Meniti Bianglala adalah sebuah novel karangan Mitch Albom yang diterbitkan di Amerika Serikat pada tahun 2003 dan di Indonesia pada tahun 2011.[1] Buku ini telah terjual lebih dari sepuluh juta kopi dan diterjemahkan dalam 35 bahasa.[2]
Gaya Penulisan
Alur yang digunakan dalam tulisan ini adalah alur maju.[3] Sudut pandang yang digunakan adalah sudut pandang ketiga, narator tidak menjadi bagian dari cerita dan memberi tahu kita tentang perasaan tokoh utama dalam cerita.[3] Cerita dalam buku ini dibangun dengan suasana yang serius dan hati-hati; setiap tokoh dalam buku ini mempengaruhi kisah tokoh utama dalam cerita.[3] Perjalanan hidup dan kehidupan setelah kematian tokoh utama dalam buku ini dipaparkan semua dan menjadi satu kesatuan.[3]
Tema
Tema yang diusung dalam novel ini dirangkum dalam pelajaran-pelajaran hidup antara lain:
Dalam hidup, segalah hal yang kita lakukan saling berkaitan.[3] Dalam cerita, si kematian manusia biru mengandung tema ini.[3]

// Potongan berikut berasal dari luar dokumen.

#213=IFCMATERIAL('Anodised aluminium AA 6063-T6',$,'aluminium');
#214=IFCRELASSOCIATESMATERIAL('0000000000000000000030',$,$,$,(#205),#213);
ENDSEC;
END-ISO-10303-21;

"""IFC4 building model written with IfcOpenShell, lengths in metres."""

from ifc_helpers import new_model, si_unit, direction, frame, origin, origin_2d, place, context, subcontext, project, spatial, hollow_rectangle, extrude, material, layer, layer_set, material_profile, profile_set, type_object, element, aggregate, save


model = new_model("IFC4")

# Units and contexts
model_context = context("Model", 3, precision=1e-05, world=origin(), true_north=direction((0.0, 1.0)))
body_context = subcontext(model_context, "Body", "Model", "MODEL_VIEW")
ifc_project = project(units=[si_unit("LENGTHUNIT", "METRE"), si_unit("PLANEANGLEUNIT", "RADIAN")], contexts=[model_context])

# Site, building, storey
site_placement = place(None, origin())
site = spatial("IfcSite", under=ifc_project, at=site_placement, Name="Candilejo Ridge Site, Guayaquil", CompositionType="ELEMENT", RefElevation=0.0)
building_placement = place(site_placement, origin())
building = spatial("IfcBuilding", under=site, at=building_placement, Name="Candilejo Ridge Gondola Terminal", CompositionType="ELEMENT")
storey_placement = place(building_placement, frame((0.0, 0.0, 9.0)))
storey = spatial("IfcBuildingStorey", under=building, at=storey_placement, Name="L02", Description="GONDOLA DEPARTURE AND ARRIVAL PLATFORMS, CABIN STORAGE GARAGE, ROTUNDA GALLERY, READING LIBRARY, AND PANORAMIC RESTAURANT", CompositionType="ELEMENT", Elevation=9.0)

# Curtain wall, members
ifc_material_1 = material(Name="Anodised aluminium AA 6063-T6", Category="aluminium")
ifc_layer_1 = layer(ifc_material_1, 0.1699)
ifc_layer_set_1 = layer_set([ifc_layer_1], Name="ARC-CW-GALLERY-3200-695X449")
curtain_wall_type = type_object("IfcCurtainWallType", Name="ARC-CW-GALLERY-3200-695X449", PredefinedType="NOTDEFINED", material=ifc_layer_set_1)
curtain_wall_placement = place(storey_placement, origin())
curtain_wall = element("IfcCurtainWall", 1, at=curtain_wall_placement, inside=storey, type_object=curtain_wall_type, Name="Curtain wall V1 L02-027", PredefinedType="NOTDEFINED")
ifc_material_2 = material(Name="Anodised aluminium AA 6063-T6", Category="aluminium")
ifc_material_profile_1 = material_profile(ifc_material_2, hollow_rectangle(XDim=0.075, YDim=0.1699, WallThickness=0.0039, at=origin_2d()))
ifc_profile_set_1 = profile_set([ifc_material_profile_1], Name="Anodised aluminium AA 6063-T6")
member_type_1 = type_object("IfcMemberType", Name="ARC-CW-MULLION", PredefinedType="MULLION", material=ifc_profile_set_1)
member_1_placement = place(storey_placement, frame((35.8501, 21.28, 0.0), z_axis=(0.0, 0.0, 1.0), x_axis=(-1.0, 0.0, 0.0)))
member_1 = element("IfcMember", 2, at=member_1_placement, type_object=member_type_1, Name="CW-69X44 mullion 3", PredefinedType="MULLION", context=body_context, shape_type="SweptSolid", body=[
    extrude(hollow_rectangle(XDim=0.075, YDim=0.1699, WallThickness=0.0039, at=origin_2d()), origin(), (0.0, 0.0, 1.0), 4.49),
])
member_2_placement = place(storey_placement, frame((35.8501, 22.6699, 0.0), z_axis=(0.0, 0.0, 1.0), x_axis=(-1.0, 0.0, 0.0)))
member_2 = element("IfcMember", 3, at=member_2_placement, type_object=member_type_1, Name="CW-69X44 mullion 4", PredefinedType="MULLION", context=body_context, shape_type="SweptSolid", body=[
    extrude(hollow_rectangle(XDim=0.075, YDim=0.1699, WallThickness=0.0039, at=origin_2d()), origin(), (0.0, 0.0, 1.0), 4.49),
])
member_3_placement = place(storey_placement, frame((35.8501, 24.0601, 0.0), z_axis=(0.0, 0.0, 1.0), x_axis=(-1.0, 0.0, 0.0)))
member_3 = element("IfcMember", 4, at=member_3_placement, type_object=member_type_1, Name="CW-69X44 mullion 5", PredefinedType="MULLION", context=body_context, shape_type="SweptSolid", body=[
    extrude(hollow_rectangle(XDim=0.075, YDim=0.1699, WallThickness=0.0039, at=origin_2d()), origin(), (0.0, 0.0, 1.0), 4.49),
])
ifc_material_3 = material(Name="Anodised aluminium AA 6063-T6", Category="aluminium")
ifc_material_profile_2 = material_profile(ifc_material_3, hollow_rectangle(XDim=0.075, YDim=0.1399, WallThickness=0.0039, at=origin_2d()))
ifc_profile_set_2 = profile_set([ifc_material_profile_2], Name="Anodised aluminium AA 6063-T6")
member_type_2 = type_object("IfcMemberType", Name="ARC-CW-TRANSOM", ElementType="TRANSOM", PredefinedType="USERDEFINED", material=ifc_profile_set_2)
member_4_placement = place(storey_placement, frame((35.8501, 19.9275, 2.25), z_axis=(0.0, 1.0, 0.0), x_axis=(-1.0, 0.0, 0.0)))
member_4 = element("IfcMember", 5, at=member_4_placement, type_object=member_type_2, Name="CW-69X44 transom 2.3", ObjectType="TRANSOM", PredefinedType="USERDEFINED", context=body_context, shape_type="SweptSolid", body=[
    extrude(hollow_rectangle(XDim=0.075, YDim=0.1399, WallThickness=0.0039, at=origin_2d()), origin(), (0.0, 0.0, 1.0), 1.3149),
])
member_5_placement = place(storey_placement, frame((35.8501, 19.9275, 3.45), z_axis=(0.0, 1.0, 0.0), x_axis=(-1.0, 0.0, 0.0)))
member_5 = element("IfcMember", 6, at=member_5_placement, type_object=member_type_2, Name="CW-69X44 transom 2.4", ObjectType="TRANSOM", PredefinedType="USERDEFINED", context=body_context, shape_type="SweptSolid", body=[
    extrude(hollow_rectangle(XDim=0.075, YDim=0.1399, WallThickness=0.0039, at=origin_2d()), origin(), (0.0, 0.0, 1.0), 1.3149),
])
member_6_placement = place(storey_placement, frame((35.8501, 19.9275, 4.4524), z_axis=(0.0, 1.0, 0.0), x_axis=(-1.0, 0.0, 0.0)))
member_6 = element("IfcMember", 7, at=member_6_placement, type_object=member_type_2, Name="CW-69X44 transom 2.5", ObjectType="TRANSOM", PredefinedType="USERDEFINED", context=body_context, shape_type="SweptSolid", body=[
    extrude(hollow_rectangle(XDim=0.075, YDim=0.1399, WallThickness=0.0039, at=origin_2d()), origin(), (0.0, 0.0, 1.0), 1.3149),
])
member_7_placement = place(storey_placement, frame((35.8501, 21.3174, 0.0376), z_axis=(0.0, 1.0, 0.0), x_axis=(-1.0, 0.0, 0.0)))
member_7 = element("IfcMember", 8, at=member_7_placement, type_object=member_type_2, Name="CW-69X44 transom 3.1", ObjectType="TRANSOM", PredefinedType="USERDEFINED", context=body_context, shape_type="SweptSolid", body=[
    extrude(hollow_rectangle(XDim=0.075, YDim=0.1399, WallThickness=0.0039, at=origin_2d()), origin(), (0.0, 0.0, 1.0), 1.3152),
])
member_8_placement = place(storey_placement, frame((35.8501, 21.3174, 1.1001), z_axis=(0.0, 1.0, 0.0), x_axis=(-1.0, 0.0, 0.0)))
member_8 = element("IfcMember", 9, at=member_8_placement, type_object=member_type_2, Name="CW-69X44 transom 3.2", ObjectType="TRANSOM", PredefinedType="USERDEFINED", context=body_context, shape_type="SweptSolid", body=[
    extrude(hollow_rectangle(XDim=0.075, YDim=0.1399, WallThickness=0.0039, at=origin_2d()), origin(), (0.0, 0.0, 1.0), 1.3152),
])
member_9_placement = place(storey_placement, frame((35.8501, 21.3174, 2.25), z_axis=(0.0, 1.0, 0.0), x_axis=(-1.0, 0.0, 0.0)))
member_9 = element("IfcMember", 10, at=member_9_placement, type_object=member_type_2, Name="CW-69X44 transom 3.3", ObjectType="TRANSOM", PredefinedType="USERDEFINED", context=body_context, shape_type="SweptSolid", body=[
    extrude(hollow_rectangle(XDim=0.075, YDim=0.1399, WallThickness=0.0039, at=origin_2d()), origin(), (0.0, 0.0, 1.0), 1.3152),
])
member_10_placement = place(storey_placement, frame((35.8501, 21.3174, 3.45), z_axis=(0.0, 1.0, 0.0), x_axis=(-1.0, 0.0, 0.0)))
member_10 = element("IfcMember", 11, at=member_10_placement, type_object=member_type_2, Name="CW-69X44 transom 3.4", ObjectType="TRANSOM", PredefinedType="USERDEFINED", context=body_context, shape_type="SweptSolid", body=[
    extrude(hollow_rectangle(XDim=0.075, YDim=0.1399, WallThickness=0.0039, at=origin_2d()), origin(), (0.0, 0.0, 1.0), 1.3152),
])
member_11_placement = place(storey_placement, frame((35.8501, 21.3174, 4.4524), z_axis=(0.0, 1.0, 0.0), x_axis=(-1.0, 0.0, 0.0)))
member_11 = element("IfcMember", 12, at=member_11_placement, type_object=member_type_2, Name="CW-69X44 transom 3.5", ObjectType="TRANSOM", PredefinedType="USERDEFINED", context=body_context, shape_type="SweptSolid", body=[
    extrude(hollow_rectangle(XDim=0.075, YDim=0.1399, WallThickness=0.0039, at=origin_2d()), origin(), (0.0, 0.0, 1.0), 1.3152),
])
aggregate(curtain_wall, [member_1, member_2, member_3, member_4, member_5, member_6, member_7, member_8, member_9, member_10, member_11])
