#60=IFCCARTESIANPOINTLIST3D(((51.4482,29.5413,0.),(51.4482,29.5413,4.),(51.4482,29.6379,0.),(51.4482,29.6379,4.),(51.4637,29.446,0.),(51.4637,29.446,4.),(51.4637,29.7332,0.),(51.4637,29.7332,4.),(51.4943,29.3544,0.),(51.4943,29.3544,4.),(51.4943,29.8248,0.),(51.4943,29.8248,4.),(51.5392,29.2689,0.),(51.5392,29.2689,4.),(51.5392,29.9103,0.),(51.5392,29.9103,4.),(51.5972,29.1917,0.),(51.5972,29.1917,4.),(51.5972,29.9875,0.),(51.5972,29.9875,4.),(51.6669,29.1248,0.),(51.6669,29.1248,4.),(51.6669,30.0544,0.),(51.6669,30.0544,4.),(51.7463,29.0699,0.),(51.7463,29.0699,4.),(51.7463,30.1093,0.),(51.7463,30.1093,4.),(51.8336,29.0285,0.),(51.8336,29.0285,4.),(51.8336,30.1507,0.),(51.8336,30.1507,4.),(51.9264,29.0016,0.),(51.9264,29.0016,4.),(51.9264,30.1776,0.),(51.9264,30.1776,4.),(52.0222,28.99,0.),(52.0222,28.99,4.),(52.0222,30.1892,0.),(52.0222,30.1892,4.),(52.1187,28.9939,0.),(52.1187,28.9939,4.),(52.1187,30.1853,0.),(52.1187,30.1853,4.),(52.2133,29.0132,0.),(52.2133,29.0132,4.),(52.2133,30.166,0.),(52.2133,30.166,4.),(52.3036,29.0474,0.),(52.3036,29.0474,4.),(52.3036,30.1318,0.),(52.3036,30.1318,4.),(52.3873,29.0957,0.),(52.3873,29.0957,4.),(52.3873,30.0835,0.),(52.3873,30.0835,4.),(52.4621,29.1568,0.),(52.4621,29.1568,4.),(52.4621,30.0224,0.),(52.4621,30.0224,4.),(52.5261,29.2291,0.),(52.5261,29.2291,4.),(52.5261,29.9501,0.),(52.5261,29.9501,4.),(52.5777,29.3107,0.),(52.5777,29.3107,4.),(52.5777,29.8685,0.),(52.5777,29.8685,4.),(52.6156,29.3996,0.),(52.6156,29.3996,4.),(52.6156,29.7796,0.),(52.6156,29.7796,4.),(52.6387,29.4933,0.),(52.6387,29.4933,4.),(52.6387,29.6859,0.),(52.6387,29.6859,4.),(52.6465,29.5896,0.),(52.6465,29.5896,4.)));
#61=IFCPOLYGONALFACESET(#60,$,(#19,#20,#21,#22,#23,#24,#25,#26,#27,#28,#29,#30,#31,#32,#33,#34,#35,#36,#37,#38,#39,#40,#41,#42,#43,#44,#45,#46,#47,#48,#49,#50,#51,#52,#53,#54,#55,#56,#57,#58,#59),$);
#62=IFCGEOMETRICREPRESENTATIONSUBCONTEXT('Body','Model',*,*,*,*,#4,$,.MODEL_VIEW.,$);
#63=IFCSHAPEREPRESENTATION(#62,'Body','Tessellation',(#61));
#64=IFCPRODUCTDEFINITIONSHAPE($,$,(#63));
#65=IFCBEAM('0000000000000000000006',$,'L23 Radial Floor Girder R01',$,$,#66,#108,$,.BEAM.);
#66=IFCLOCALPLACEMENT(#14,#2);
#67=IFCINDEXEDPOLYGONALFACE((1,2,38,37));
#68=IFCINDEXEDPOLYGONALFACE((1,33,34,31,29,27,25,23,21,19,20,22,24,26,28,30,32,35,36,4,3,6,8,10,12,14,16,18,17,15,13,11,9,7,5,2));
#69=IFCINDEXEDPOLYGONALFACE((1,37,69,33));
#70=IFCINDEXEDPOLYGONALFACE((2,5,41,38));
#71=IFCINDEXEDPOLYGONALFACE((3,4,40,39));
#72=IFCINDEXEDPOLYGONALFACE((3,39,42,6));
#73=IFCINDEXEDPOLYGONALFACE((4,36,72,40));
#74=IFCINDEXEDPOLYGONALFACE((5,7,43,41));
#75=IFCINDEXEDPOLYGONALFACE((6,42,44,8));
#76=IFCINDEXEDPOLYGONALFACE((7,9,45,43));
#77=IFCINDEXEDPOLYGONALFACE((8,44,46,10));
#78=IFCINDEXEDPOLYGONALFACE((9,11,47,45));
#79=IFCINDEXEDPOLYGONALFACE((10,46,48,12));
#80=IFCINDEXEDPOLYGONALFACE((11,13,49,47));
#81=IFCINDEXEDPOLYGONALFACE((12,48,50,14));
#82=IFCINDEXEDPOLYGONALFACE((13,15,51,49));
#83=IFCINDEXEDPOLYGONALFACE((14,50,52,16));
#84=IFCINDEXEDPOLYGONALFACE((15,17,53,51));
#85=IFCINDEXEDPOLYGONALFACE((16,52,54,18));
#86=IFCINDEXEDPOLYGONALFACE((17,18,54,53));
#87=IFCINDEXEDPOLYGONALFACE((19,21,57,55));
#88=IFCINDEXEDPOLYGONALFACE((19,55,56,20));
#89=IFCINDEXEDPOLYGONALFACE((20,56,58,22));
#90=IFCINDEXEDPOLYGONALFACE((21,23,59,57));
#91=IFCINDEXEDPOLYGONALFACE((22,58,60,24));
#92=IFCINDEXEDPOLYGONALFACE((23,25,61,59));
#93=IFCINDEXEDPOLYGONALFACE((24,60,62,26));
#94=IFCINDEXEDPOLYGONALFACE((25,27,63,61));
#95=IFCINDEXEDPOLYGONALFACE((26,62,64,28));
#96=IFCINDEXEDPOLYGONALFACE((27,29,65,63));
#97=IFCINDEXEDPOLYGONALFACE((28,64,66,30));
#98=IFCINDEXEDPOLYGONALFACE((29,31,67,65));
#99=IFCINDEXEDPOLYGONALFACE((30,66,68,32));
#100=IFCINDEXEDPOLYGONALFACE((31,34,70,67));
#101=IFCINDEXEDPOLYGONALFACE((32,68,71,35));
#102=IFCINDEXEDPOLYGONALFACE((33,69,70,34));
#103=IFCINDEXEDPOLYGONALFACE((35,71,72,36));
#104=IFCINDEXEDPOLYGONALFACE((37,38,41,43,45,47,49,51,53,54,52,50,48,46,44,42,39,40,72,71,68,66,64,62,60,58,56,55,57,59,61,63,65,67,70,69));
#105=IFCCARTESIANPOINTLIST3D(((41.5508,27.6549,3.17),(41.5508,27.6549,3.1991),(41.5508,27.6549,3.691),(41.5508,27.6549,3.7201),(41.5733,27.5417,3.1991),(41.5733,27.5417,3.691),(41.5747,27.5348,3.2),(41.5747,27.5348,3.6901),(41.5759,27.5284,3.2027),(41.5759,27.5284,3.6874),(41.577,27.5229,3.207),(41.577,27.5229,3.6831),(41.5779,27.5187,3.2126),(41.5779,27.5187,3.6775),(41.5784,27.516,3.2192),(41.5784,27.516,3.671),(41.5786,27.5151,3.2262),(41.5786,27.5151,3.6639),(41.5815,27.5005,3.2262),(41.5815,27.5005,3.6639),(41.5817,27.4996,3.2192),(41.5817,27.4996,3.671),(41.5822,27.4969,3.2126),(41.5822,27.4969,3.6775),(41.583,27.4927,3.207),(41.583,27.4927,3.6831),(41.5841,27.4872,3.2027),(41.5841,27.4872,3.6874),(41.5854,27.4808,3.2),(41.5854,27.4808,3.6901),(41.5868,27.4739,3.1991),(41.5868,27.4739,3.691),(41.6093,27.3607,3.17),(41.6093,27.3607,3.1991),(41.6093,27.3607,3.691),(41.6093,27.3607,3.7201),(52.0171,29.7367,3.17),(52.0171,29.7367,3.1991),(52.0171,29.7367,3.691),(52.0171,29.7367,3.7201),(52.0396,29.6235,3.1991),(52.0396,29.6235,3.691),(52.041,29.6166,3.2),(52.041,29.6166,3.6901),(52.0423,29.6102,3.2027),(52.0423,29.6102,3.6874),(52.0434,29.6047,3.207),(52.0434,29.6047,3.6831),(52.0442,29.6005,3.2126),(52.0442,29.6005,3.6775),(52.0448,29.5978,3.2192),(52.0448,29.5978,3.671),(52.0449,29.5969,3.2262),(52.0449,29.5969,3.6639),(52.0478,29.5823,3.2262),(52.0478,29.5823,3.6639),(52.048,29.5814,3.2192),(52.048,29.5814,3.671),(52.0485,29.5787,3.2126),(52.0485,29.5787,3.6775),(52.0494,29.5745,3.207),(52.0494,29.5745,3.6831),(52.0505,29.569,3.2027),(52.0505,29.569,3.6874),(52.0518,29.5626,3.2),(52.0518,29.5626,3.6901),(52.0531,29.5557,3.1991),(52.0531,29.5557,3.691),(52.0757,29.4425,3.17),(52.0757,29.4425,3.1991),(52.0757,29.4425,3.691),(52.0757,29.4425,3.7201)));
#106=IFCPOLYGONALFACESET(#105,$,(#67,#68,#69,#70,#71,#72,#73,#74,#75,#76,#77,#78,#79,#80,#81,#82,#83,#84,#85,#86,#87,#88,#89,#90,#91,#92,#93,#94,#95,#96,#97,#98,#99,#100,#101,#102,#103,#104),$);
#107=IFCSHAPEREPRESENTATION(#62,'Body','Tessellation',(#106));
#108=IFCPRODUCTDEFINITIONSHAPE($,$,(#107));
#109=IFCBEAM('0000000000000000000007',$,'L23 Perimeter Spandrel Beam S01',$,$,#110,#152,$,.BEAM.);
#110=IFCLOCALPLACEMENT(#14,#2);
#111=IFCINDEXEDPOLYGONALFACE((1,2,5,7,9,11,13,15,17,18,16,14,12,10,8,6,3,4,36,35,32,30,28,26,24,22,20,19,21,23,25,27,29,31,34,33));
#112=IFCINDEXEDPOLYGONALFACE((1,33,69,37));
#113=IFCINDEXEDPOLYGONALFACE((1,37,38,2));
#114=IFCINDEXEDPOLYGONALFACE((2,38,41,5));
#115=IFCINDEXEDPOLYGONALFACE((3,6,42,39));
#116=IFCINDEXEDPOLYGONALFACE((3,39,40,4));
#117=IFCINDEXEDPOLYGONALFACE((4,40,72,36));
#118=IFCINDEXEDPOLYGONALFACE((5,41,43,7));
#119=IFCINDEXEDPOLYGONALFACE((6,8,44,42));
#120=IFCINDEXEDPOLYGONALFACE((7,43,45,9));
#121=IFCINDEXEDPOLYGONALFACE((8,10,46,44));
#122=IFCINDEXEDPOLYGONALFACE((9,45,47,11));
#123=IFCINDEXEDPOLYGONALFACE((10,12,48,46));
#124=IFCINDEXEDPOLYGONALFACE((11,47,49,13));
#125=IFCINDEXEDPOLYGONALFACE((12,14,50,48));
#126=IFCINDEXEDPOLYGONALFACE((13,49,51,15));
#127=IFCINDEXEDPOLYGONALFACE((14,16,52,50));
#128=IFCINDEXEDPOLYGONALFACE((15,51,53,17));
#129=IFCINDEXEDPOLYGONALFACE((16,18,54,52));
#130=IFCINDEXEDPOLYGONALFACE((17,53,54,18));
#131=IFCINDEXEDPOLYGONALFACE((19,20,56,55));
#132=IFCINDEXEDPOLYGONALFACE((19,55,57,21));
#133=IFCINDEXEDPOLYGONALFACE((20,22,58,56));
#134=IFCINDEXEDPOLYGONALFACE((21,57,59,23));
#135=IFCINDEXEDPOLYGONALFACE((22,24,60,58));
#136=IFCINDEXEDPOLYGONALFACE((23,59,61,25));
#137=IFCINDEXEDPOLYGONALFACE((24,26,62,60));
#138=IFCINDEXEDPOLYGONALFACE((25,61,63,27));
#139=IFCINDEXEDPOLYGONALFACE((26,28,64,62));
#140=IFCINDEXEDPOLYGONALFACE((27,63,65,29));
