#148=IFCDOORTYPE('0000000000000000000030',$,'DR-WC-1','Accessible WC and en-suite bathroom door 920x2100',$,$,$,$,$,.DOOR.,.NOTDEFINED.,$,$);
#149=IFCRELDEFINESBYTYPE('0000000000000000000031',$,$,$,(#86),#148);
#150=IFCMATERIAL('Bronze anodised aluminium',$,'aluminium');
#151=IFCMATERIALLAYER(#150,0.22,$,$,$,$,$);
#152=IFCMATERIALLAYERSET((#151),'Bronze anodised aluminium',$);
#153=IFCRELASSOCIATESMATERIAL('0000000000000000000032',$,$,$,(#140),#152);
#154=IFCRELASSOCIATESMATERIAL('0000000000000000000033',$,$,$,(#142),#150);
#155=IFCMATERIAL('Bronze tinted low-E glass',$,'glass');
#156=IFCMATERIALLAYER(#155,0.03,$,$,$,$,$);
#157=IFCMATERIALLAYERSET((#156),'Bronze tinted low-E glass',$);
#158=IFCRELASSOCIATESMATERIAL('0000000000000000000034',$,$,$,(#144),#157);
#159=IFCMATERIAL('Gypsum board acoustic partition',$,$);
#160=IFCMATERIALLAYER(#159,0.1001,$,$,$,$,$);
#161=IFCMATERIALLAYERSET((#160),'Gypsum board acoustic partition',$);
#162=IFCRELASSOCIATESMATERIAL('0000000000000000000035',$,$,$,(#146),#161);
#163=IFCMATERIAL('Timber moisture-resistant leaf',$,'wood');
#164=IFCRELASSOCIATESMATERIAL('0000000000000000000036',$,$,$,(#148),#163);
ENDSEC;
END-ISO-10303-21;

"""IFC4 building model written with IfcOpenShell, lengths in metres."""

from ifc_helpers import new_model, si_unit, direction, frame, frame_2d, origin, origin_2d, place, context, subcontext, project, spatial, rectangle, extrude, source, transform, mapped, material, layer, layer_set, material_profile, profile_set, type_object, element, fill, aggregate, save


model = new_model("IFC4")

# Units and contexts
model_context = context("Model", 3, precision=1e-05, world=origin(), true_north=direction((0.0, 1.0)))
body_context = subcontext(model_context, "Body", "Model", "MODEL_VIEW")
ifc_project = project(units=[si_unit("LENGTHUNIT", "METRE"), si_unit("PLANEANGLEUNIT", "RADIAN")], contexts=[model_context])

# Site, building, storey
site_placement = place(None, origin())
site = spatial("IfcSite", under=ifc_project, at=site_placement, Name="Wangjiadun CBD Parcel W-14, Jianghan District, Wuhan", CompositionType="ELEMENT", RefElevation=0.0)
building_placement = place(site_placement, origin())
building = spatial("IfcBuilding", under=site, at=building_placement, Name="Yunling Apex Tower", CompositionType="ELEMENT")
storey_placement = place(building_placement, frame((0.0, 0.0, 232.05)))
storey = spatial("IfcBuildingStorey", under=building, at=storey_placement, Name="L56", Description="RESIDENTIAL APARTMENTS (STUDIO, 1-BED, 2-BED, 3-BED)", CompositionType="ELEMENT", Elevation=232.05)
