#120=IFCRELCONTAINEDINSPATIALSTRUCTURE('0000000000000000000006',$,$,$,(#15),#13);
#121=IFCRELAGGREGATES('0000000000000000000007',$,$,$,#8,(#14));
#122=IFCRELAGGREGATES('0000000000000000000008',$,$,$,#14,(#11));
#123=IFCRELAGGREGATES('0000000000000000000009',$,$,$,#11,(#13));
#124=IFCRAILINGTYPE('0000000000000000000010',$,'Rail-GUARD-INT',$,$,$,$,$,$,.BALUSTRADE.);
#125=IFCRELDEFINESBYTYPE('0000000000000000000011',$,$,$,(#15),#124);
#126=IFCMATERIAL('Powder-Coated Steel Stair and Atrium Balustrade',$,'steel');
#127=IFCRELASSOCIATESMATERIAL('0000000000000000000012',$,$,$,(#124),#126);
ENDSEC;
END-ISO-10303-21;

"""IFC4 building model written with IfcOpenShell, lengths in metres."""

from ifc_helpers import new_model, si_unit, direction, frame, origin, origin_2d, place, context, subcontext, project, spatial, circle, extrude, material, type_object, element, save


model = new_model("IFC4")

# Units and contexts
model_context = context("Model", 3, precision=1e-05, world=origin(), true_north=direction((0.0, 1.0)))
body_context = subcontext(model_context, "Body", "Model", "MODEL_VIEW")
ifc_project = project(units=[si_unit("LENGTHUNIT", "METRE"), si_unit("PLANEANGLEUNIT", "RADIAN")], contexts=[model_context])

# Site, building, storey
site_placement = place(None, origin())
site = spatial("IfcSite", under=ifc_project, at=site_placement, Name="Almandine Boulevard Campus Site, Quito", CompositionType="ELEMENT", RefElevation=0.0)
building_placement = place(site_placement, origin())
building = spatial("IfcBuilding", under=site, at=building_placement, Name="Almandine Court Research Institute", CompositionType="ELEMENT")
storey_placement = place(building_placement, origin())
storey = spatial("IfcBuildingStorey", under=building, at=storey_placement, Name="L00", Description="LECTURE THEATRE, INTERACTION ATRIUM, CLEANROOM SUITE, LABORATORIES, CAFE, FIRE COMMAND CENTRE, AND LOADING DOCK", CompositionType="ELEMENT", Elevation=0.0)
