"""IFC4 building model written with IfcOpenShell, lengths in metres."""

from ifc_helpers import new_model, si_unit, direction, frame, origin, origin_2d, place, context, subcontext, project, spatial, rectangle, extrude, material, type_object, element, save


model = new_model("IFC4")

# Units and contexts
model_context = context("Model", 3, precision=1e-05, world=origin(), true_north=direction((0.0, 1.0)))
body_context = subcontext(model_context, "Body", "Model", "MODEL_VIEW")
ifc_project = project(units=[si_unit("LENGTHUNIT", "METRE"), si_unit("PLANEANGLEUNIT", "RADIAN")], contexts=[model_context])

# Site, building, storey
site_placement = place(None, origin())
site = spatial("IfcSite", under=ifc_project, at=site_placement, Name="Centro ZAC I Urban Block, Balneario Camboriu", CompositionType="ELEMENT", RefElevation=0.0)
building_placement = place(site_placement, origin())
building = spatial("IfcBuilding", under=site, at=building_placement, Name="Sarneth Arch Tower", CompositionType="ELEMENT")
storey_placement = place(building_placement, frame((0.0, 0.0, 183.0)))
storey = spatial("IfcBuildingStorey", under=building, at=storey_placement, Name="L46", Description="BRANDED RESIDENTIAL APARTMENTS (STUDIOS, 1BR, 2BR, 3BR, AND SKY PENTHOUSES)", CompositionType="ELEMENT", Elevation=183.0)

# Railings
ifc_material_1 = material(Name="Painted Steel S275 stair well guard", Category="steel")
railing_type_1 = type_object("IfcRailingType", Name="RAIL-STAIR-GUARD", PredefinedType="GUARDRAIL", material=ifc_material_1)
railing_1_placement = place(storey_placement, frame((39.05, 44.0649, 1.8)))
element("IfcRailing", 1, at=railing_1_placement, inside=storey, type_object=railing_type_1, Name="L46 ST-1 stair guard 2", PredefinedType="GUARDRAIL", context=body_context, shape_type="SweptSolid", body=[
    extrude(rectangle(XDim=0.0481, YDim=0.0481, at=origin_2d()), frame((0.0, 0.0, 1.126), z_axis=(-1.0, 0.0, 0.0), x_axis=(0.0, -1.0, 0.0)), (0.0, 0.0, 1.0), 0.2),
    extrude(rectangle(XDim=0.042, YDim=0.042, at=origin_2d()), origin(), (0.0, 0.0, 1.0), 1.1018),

Hidup adalah pengorbanan bagi sesama.[3] Dalam cerita, kematian Kapten yang memimpin Eddie dalam perang dunia ke dua ketika dia mengorbankan diri demi keselamatan 3 serdadunya mengandung tema tersebut.[3]Memaafkan dan melepaskan amarah.[3] Walaupun setelah ayahnya wafat, Eddie tidak bisa menghilangkan amarahnya terhadap ayahnya.[3] Di dalam cerita, Ruby mengajarkan Eddie tema ini, ketika dia membantunya untuk memaafkan ayahnya.[3]Cinta memiliki kekuatan yang dashyat.[3] Walaupun Eddie menderita dalam hidupnya, cintanya terhadap Margueritelah yang membuatnya bahagia. Setelah kematiannya, Eddie berjumpa dengan Marguerite di surga, di sinilah tema ini diajarkan.[3] Pada intinya tema pelajaran hidup yang ditawarkan buku ini adalah sebuah sudut pandang baru dalam melihat hidup setelah kematian.[3] Meniti Bianglala adalah sebuah kisah tentang perjalanan hidup yang baru disadari dan dimaknai justru setelah datangnya kematian.[3]
Plot
Eddie bekerja di taman hiburan hampir sepanjang hidupnya, memperbaiki dan merawat berbagai wahana.[4] Dalam cerita, si kematian manusia biru mengandung tema ini.[4] Tahun-tahun berlalu, dan Eddie merasa terperangkap dalam pekerjaan yang dirasanya tak berarti.[4] Hari-harinya hanya berupa rutinitas kerja, kesepian, dan penyesalan.[4]
Pada ulang tahunnya yang ke-83, Eddie tewas dalam kecelakaan tragis ketika mencoba menyelamatkan seorang gadis kecil dari wahana yang rusak.[5] Saat menghembuskan napas terakhir, terasa olehnya sepasang tangan kecil menggenggam tangganya.[5] Cerita kemudian bergulir ketika Eddie ‘terbangun’ setelah kematiannya.[5] Alih-alih berada di surga, taman yang indah yang selama ini ia bayangkan, ia malah berada di tengah padang awan, dimana Eddie akan dipertemukan dengan lima orang yang tanpa ia sadari telah mengubah jalan hidupnya.[5] Kelima orang ini akan menjawab setiap pertanyaan Eddie mengenai hidupnya yang selama ini ia anggap tidak bermakna.[5]